The world's largest social media network Facebook has signed a new agreement with the U.S. west state of Washington to ban discriminatory advertisements on its platform, Attorney General (AG) of Washington state Bob Ferguson said Tuesday.
Under the legally binding agreement, Facebook will make significant changes to its advertising platform, so as to end the practice of allowing advertisers to exclude certain groups based on race, religious belief and sex orientation from viewing advertisements of housing, credit, employment, insurance and public accommodations.
Ferguson said these changes will be completed within 90 days and go effective nationwide, though the agreement is legally binding in Washington.

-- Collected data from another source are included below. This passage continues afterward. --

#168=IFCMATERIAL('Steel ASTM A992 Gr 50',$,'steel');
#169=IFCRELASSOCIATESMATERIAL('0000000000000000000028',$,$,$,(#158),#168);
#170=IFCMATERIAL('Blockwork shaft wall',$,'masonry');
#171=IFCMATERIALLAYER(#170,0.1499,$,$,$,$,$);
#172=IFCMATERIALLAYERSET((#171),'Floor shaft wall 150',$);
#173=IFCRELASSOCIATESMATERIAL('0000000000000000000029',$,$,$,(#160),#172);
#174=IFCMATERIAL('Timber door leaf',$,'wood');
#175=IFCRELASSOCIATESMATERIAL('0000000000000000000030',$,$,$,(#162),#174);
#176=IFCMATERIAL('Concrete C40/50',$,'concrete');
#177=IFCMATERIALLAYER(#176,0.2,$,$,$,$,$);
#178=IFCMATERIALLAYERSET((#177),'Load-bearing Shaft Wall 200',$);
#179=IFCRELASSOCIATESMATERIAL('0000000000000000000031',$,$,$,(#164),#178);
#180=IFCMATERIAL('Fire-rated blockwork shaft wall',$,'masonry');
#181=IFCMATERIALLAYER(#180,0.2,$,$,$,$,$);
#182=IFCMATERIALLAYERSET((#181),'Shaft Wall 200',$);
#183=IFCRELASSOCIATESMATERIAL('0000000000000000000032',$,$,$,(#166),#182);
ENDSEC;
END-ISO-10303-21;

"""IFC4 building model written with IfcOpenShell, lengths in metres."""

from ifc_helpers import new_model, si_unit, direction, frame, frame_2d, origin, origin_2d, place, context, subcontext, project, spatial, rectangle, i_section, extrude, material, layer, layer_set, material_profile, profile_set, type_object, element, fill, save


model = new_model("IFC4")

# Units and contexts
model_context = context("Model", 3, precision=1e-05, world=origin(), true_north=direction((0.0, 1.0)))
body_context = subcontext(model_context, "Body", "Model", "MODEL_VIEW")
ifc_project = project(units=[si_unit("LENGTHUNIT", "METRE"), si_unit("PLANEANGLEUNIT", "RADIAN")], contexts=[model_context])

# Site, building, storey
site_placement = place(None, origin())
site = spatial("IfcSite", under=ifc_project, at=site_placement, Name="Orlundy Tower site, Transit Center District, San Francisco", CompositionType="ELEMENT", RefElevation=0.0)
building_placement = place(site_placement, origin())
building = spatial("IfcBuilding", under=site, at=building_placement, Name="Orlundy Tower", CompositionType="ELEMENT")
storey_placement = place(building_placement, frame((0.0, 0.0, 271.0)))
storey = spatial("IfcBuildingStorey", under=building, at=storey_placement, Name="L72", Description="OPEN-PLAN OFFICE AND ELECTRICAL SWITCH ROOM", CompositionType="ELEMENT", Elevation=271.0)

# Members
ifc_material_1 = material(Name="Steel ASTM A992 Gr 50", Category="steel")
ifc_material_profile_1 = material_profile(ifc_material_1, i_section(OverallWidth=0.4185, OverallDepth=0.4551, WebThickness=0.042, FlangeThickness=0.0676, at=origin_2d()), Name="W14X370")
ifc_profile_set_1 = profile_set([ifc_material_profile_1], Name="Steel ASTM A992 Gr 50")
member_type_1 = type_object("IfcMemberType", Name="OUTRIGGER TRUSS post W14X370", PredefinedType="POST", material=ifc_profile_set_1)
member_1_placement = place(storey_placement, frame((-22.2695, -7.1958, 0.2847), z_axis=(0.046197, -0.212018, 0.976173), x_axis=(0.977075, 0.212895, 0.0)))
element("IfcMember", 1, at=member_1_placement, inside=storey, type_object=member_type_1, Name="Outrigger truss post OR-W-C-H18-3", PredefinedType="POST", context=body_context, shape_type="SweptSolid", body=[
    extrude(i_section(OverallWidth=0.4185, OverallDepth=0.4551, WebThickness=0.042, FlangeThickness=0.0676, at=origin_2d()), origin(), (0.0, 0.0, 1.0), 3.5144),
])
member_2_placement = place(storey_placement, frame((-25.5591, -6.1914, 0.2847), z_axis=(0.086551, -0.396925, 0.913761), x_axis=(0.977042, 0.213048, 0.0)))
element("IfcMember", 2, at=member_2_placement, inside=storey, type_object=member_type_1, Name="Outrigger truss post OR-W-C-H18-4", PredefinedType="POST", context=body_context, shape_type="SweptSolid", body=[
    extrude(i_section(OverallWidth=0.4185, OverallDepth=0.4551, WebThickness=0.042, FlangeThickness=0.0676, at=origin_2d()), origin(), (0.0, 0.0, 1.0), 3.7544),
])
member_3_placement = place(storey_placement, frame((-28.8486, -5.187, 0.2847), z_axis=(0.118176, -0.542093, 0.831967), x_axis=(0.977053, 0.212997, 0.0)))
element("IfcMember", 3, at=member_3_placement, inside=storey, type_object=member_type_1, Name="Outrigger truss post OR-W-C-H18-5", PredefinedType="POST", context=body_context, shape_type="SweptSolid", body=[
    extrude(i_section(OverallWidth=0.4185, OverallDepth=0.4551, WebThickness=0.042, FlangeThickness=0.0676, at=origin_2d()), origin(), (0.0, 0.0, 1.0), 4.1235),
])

"Facebook's advertising platform allowed unlawful discrimination on the basis of race, sexual orientation, disability and religion," said Ferguson. "That's wrong, illegal, and unfair."
The new agreement was a result of a 20-month probe by Ferguson's office, which found that the advertisers were excluding users by race when they use Facebook's "multicultural affinity" category in its ad targeting tool.
Because of the advertisers' discrimination, African-American, Latinx and other ethnic affinities were prevented from seeing their ads.
Facebook had promised to improve enforcement of its prohibition against discrimination in advertising for housing, employment or credit in February 2017, but the Washington AG Office said the social media giant had failed to implement its commitment.